Idea #3: Become comfortable with ambiguity


[location: "there's another trait on the side which I want to talk about..."]


Hamming notes that great scientists form an “emotional commitment” to the theories they pursue and are able to carry on despite doubts and identified flaws.


He adds, however, that they are still careful about tracking and later addressing these shortcomings that arise along the way.


Idea #4: Creativity requires focus


[location: "Now again, emotional commitment is not enough..."]


Hamming notes his belief in the theory that “creativity comes out of your subconscious.” To make a breakthrough, he believes, you must focus without distraction on the problem long enough for your subconscious to start working it over.
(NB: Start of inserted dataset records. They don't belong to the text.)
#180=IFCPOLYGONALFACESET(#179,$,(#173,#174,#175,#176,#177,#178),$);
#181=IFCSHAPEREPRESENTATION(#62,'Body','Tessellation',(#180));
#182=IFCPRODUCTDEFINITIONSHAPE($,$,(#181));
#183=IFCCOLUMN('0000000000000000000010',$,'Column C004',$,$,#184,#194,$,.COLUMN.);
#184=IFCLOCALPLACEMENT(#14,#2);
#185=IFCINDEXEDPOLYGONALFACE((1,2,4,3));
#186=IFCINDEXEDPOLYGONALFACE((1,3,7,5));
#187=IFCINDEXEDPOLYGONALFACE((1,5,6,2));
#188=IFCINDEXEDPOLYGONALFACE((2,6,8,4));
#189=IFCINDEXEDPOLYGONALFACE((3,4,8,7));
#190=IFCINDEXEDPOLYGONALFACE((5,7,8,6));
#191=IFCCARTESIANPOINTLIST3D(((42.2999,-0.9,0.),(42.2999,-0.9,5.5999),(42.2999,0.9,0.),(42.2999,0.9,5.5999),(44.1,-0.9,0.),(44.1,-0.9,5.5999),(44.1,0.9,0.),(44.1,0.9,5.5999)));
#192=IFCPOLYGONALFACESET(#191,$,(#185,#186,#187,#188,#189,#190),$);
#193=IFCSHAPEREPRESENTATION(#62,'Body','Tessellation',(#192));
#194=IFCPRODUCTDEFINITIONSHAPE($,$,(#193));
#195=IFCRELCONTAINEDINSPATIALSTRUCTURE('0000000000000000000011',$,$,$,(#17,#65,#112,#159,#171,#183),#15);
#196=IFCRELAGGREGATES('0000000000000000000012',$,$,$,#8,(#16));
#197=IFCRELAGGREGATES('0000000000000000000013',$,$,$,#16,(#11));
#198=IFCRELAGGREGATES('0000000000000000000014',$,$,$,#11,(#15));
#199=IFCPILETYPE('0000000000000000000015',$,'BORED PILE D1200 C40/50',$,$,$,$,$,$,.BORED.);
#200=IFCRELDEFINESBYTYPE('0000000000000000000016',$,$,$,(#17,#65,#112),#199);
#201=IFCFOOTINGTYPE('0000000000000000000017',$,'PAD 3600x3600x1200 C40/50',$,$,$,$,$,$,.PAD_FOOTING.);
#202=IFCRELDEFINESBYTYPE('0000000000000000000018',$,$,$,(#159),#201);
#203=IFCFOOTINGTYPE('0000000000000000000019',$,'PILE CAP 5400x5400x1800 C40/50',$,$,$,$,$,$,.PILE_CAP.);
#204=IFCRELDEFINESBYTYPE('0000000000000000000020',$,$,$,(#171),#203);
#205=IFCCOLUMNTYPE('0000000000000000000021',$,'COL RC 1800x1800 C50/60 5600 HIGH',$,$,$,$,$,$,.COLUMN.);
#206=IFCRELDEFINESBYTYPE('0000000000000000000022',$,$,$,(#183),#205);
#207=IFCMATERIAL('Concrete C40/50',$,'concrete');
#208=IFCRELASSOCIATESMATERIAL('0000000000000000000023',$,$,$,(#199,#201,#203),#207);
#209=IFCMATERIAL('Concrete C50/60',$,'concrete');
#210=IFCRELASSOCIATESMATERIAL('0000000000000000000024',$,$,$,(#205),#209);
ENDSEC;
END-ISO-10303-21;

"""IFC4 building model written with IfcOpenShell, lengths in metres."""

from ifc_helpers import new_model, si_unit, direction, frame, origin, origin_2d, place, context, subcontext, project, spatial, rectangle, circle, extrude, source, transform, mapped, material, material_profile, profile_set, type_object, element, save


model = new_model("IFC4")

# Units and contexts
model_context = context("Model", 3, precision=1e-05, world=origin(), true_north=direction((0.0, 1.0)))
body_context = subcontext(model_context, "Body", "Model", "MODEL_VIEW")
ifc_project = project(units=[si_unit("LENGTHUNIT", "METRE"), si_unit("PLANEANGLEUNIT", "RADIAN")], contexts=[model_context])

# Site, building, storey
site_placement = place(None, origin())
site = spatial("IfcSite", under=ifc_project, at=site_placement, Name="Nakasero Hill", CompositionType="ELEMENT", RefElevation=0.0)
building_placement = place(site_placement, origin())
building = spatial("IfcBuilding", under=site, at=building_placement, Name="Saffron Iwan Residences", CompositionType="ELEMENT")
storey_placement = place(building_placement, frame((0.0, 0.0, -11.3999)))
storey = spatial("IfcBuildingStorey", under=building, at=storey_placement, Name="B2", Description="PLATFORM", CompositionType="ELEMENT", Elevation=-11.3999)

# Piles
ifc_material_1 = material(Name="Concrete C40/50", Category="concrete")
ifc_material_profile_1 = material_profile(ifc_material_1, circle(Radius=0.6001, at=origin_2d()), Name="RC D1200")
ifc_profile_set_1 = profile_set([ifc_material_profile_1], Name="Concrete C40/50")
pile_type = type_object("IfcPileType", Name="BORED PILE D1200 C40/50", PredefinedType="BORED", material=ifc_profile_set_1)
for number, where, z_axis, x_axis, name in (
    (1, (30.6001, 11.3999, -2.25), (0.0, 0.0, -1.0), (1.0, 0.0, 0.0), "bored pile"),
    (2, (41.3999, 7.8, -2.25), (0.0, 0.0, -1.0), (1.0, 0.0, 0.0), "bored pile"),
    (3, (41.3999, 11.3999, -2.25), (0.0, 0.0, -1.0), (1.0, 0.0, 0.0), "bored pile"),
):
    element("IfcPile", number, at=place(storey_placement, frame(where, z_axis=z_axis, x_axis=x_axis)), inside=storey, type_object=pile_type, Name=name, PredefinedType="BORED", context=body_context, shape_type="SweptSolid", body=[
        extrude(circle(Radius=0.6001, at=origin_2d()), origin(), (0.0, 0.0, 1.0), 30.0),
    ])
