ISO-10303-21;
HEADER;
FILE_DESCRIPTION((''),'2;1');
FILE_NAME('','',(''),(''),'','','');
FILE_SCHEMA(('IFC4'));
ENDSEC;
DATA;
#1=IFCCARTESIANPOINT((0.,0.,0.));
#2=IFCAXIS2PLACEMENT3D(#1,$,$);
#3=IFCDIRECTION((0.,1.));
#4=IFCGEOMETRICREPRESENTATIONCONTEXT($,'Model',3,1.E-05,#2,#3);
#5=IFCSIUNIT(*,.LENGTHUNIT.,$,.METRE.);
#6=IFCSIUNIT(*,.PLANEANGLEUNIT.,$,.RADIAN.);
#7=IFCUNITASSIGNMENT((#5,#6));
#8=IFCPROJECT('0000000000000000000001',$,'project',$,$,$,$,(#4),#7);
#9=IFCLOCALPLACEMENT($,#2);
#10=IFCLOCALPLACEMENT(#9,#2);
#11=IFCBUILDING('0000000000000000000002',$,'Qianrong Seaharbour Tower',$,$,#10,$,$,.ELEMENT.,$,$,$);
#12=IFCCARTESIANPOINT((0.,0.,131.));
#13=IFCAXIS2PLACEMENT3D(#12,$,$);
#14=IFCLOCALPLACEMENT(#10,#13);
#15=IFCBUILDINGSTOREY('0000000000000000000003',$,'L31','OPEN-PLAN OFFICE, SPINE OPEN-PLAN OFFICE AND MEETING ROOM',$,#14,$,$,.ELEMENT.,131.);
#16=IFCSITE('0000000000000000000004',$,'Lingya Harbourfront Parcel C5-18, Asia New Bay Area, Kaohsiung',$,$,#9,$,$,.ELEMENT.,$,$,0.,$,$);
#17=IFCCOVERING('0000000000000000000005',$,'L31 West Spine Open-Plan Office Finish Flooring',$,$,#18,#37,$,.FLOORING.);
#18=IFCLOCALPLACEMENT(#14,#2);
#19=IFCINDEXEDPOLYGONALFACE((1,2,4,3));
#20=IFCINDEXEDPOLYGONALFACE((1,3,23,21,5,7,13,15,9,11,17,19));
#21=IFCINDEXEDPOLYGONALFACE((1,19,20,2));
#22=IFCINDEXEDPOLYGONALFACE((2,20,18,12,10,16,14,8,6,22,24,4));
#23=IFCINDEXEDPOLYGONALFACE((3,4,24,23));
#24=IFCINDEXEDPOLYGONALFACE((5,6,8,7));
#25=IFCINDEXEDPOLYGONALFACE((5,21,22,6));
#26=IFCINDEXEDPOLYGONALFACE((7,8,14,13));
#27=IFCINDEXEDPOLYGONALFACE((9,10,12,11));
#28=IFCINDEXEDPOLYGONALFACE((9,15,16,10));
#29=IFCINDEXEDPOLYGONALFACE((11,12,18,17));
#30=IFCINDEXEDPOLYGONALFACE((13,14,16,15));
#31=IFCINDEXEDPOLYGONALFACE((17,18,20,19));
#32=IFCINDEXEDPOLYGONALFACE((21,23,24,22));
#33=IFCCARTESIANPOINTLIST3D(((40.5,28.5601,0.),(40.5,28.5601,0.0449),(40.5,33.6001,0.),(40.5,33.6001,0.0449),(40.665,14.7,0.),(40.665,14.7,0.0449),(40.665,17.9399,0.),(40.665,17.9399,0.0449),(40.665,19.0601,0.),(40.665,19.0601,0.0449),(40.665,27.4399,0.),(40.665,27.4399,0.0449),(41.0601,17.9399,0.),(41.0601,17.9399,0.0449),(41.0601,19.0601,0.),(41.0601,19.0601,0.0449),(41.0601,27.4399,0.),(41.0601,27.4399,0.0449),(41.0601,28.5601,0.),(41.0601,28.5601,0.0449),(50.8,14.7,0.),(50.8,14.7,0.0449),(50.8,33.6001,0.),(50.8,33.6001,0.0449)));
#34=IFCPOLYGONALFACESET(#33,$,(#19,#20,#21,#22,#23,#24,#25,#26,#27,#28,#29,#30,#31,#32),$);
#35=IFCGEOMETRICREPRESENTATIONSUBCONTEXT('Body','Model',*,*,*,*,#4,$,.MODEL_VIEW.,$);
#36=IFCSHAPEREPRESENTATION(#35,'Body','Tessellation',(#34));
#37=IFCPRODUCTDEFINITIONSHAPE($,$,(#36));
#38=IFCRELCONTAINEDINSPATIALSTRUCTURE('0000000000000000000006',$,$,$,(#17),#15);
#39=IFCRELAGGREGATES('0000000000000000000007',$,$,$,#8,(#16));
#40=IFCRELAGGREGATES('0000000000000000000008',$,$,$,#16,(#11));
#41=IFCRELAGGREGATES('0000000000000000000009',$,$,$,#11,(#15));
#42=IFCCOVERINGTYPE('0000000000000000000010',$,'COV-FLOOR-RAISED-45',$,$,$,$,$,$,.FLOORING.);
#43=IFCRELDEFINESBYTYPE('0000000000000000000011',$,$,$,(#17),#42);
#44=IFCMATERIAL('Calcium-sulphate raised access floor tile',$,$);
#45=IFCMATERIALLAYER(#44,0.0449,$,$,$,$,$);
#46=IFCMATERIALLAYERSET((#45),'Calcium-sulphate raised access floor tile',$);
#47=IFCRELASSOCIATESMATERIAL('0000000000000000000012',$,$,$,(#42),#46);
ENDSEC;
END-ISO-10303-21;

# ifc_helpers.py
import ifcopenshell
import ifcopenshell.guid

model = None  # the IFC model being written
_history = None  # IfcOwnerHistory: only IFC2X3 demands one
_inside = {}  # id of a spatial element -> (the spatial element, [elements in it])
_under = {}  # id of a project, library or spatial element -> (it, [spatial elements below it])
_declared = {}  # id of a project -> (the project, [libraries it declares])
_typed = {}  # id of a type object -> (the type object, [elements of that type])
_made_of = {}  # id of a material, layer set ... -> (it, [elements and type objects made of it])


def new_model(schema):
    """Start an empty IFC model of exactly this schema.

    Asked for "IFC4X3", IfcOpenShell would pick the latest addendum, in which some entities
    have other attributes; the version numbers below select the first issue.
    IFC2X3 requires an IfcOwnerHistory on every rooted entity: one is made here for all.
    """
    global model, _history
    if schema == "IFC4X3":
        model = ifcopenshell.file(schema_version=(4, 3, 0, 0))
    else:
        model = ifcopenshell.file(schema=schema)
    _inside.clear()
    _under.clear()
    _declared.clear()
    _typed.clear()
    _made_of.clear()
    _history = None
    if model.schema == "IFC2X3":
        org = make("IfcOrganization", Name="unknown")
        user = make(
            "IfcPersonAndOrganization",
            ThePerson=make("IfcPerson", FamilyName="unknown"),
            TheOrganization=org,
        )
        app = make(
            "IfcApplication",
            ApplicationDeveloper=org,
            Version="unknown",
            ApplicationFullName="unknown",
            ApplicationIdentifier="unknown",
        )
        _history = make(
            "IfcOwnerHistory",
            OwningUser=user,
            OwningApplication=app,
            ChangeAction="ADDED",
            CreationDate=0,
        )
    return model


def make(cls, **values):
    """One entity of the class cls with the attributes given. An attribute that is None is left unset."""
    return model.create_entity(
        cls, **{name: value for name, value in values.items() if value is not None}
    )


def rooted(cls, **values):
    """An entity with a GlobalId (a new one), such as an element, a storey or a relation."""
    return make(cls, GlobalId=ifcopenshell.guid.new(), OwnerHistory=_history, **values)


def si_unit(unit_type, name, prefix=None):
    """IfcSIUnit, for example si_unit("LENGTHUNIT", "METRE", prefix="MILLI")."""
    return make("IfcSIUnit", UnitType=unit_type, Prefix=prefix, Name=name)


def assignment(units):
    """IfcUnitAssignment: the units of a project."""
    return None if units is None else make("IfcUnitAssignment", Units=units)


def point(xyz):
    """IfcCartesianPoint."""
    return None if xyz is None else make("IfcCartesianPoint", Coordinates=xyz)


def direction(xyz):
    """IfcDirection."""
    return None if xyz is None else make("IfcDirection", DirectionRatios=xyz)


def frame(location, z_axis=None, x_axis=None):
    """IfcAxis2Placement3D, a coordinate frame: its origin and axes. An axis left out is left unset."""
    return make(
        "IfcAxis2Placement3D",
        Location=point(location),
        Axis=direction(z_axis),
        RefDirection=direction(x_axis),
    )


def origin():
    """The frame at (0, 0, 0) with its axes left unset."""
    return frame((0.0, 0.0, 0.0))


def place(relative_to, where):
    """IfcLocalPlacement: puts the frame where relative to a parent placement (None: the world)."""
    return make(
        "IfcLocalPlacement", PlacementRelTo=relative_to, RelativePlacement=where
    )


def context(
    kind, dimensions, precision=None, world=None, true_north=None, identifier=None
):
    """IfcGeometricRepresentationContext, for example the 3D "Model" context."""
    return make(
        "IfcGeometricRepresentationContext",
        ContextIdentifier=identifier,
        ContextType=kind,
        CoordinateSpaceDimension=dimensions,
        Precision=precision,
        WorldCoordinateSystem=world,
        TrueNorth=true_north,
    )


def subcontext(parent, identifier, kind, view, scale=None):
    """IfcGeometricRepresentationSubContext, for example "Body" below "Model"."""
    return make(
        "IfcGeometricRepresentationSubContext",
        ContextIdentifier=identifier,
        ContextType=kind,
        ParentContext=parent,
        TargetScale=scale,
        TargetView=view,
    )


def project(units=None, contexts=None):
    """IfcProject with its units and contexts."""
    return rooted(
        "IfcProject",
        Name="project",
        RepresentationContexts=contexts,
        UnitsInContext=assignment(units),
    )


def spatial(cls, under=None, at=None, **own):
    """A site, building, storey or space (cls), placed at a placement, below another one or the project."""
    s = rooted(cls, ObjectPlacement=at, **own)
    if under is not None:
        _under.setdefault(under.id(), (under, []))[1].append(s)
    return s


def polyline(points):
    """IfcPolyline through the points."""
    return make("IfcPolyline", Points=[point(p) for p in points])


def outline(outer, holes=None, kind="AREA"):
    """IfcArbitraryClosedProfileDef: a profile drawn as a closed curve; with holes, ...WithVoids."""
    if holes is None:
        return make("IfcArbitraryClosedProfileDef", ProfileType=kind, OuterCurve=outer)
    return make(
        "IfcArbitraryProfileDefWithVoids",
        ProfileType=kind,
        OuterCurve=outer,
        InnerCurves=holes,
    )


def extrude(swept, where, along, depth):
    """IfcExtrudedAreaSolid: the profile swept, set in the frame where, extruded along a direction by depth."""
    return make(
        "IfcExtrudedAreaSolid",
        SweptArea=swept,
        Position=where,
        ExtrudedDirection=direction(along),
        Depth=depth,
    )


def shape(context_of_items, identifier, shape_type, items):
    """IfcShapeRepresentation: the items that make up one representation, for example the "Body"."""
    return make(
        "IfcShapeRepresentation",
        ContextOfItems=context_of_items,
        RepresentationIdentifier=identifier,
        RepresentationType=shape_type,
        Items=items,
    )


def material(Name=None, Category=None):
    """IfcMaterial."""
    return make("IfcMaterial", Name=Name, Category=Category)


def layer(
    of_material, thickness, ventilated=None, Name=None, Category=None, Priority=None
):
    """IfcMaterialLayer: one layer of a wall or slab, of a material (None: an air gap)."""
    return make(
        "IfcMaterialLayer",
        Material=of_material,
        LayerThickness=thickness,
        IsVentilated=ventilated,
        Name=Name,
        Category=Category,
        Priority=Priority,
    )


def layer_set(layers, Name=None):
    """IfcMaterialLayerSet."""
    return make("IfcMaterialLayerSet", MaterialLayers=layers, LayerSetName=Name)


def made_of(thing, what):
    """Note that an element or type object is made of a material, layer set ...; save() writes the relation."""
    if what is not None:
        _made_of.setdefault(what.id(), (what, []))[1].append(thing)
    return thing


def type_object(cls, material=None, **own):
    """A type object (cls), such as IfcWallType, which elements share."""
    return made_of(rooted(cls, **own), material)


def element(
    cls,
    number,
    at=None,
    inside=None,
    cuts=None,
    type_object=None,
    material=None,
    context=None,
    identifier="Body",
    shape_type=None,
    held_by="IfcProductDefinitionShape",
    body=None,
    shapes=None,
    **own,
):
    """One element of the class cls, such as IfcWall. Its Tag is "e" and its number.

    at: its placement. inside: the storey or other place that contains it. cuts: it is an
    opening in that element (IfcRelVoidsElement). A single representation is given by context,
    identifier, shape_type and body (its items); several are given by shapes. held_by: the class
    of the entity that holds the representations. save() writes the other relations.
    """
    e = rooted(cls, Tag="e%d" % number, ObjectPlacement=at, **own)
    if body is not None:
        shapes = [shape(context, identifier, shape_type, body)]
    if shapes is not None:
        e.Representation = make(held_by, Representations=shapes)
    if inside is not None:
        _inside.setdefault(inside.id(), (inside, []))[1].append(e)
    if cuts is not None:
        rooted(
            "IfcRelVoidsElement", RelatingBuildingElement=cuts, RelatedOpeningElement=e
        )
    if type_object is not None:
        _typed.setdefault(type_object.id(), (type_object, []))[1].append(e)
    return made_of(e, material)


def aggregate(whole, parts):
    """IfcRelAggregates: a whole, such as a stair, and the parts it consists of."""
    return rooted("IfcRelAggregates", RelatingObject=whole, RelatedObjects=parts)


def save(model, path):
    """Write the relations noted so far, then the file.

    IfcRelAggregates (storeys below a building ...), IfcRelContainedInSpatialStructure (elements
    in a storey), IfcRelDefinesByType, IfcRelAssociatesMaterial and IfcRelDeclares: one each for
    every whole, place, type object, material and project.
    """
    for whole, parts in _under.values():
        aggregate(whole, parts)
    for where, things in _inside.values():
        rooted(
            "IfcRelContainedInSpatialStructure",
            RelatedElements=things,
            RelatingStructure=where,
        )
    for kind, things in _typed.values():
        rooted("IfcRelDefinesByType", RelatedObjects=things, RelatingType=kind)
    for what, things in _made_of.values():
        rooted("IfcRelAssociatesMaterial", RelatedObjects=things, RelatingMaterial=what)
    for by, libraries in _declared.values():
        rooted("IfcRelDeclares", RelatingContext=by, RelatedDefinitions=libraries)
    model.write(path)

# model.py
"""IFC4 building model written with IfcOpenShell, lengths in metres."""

from ifc_helpers import new_model, si_unit, direction, frame, origin, place, context, subcontext, project, spatial, polyline, outline, extrude, material, layer, layer_set, type_object, element, save


model = new_model("IFC4")

# Units and contexts
model_context = context("Model", 3, precision=1e-05, world=origin(), true_north=direction((0.0, 1.0)))
body_context = subcontext(model_context, "Body", "Model", "MODEL_VIEW")
ifc_project = project(units=[si_unit("LENGTHUNIT", "METRE"), si_unit("PLANEANGLEUNIT", "RADIAN")], contexts=[model_context])

# Site, building, storey
site_placement = place(None, origin())
site = spatial("IfcSite", under=ifc_project, at=site_placement, Name="Lingya Harbourfront Parcel C5-18, Asia New Bay Area, Kaohsiung", CompositionType="ELEMENT", RefElevation=0.0)
building_placement = place(site_placement, origin())
building = spatial("IfcBuilding", under=site, at=building_placement, Name="Qianrong Seaharbour Tower", CompositionType="ELEMENT")
storey_placement = place(building_placement, frame((0.0, 0.0, 131.0)))
storey = spatial("IfcBuildingStorey", under=building, at=storey_placement, Name="L31", Description="OPEN-PLAN OFFICE, SPINE OPEN-PLAN OFFICE AND MEETING ROOM", CompositionType="ELEMENT", Elevation=131.0)

# Covering
ifc_material_1 = material(Name="Calcium-sulphate raised access floor tile")
ifc_layer_1 = layer(ifc_material_1, 0.0449)
ifc_layer_set_1 = layer_set([ifc_layer_1], Name="Calcium-sulphate raised access floor tile")
covering_type_1 = type_object("IfcCoveringType", Name="COV-FLOOR-RAISED-45", PredefinedType="FLOORING", material=ifc_layer_set_1)
covering_1_placement = place(storey_placement, origin())
element("IfcCovering", 1, at=covering_1_placement, inside=storey, type_object=covering_type_1, Name="L31 West Spine Open-Plan Office Finish Flooring", PredefinedType="FLOORING", context=body_context, shape_type="SweptSolid", body=[
    extrude(outline(polyline([(50.8, 14.7), (40.665, 14.7), (40.665, 17.9399), (41.0601, 17.9399), (41.0601, 19.0601), (40.665, 19.0601), (40.665, 27.4399), (41.0601, 27.4399), (41.0601, 28.5601), (40.5, 28.5601), (40.5, 33.6001), (50.8, 33.6001), (50.8, 14.7)])), origin(), (0.0, 0.0, 1.0), 0.0449),
])

save(model, "model.ifc")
As he summarizes: “If you’re deeply immersed and committed to a topic, day after day after day, your subconscious has nothing to do but work on your problem.”


Idea #5: Important work comes from important problems


[location: "Now Alan Chynoweth mention that I used to eat..."]


After talking about his efforts to seek out big thinkers in the Bell Labs cafeteria, Hamming emphasizes: “If you do not work on an important problem, it’s unlikely you’ll do important work.” He notes that the “average scientist” does not work on important problems but instead plays it safe. He wanted to avoid such mediocrity in his interactions.


He clarifies that for a problem to be important, not only most its impact be clear, but you must also possess a “reasonable attack.” He estimates that most great scientists will keep 10 to 20 great problems in mind at any one time, and if they learn a technique that might apply to one of them, they’ll “drop all the other things and get after it.”


Hamming recalls that he blocked off his Friday afternoons as “Great Thoughts Time,” and spent them only discussing and thinking about “great thoughts.”


Idea #6: Keep your door open


[location: "Another trait, it took me a while..."]


Hamming notes that at Bell Labs the scientists who kept their doors shut got more done in the short term. By contrast, the scientists who kept their doors open were distracted more often but ultimately this increased exposure to other people, problems, and ideas led them to more important work in the long term.


Idea #7: Transform isolated problems into general problems


[location: "I want to talk on another topic..."]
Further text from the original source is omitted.